Phase congruence combined with IDM-based thresholding generally performed better than all the CLAHE-based global thresholding approaches. Phase congruence combined with IDM-based thresholding also gives better performance compared to Otsu and ISODATA thresholding combined with phase congruence. The performances of Otsu and ISODATA thresholding coupled with phase congruence are, however, at their best when morphological opening and median filter are combine for the post processing phase.

Tables 4 and 5 describe the performances of the best techniques from the different segmentation methods investigated in this paper and other previously published works using DRIVE and STARE databases.

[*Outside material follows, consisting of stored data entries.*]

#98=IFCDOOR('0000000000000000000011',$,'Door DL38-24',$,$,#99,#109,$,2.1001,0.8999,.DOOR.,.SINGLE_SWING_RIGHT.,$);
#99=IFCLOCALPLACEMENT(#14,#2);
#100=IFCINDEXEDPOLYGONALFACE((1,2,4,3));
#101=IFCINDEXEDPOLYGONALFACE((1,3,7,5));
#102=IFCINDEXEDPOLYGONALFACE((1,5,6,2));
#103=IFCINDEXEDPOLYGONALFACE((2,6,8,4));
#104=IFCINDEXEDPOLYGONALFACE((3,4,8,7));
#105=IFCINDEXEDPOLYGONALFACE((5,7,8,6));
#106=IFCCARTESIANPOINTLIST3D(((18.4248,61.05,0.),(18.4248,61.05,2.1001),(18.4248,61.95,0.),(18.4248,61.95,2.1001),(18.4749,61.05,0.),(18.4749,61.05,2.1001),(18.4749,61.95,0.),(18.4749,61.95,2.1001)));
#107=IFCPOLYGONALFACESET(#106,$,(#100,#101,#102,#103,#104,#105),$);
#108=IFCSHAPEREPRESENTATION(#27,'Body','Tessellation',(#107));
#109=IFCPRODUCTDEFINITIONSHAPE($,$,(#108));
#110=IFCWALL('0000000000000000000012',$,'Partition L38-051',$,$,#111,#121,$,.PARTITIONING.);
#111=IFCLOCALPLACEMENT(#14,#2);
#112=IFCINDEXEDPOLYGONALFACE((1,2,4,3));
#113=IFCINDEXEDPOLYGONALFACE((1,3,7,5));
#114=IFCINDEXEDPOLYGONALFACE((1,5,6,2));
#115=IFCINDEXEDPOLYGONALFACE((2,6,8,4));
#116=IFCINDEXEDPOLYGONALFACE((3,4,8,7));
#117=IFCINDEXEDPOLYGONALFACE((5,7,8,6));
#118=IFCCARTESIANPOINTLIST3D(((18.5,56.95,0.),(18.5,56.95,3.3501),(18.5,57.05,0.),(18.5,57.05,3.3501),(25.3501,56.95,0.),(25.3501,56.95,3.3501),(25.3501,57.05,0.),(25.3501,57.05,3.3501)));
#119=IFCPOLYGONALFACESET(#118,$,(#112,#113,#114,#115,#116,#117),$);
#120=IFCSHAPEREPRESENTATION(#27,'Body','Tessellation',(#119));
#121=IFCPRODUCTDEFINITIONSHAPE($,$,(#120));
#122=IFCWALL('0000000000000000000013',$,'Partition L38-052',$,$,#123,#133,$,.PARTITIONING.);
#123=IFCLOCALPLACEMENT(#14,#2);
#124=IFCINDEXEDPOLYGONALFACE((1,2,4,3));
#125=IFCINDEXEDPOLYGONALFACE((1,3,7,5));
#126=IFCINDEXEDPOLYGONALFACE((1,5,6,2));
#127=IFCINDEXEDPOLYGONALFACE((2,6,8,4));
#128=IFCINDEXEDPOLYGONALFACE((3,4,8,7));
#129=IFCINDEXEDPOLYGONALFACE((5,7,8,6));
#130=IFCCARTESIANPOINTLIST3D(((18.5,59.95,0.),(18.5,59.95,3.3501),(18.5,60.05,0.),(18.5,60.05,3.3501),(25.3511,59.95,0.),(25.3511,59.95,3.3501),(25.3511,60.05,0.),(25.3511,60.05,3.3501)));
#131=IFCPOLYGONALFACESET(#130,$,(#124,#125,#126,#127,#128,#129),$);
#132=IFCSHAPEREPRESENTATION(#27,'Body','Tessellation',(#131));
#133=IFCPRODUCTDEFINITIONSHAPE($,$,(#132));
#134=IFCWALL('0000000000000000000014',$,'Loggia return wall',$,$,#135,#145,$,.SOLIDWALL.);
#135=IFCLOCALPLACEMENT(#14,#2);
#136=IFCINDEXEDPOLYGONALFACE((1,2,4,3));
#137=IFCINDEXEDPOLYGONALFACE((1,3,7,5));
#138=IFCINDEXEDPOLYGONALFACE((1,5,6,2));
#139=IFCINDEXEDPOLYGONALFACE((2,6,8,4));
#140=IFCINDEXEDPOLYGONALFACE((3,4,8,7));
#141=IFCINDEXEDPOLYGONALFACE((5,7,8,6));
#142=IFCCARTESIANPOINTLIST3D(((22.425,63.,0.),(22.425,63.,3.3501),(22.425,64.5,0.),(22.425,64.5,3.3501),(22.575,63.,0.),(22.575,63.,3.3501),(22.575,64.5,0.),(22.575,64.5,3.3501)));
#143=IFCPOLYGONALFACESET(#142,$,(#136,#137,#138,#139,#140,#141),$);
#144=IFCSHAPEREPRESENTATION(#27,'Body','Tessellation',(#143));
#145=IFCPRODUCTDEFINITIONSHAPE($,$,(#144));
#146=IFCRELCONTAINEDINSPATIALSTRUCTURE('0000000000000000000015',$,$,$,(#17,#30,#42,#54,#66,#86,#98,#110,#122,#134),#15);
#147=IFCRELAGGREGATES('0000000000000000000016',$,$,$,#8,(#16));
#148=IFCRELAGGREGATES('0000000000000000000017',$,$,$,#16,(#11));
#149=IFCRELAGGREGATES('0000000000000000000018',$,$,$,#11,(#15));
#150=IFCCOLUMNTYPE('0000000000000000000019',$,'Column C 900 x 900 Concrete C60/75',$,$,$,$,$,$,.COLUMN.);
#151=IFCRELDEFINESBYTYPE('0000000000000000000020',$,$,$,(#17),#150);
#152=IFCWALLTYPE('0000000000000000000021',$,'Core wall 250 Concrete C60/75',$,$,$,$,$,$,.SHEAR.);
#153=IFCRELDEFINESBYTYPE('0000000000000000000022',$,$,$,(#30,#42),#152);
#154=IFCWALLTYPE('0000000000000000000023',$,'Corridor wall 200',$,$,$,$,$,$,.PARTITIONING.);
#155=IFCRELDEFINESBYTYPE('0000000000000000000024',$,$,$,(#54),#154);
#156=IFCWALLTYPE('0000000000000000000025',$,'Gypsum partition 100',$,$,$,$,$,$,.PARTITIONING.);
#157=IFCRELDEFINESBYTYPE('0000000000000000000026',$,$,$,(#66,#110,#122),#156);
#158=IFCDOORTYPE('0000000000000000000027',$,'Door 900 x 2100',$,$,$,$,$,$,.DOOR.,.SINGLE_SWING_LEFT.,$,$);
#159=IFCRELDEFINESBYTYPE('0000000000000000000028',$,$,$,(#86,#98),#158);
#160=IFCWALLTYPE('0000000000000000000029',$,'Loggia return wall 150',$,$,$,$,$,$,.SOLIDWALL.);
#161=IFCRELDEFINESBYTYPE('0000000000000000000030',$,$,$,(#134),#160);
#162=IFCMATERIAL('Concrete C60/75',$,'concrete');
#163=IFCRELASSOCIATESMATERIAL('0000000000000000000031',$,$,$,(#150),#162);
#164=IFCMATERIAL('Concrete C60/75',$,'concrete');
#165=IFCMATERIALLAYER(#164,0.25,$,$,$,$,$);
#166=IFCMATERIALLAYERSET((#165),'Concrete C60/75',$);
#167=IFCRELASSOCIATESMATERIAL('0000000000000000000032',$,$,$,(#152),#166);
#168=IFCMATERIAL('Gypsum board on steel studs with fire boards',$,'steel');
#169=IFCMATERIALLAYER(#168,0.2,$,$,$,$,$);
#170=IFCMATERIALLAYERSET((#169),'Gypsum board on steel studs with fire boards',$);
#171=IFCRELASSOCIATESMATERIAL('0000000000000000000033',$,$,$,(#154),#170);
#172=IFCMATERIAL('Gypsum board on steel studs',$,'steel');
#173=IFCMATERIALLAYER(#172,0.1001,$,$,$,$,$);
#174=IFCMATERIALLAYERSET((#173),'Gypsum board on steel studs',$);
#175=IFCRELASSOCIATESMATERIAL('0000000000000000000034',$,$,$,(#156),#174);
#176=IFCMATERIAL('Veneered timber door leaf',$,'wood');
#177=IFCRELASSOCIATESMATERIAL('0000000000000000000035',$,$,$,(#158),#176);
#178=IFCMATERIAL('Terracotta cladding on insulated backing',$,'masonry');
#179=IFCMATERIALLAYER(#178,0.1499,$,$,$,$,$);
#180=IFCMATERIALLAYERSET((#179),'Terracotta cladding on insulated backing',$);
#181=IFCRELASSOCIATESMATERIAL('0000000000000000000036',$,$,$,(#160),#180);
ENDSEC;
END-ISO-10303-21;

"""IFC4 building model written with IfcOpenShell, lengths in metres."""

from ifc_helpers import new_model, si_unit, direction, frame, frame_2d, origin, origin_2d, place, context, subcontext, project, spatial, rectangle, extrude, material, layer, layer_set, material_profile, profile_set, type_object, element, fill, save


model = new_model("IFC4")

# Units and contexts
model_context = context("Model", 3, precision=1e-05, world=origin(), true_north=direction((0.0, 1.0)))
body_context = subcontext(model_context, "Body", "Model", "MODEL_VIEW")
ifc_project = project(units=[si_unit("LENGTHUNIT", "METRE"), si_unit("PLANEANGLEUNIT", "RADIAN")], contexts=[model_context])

Phase congruence combined with IDM-based thresholding using morphological opening postprocessing technique presents a higher average accuracy rates on DRIVE and STARE databases compared to the previously proposed phase congruence based technique by Amin and Hong [37]. Tagore et al. [38] achieves a lower average accuracy rate on DRIVE database but a higher average accuracy rate compared to the best phase congruence-based global thresholding approach presented in this paper. The technique proposed in [38], however, did not present the sensitivity and specificity measures. In related development, the phase congruence technique proposed by Zhu [39] discussed only the visual performance. Tables 4 and 5 also compare the results obtained in this paper with other results achieved in other literatures.

4. Conclusion

The performance of different vessel segmentation approaches based on combination of different preprocessing techniques, global thresholding, and postprocessing techniques has been investigated. It has also been shown that the combination of preprocessing technique, global thresholding, and postprocessing techniques must be carefully chosen to achieve a good segmentation performance. It is, however, important to state that the paper shows that sensitivity, specificity, and accuracy measures must all be high to ascertain a good segmentation performance. It was also shown that phase congruence combined with IDM-based thresholding generally performs better compared to phase congruence combined with ISODATA and Otsu threshold. Phase congruence combined with IDM-based thresholding is at its best on DRIVE database but did not have a better performance compared to the best of the CLAHE-based global thresholding approaches on STARE database. CLAHE-based global thresholding approaches were, however, shown to have maintained high accuracy rates across DRIVE and STARE databases. Although good accuracy and specificity rates were achieved, the sensitivity rate shows that global thresholding approach is still limited at efficiently segmenting the thin vessels. Our future work shall investigate the use of more robust segmentation techniques for the detection of both large and thin vessels in retinal images.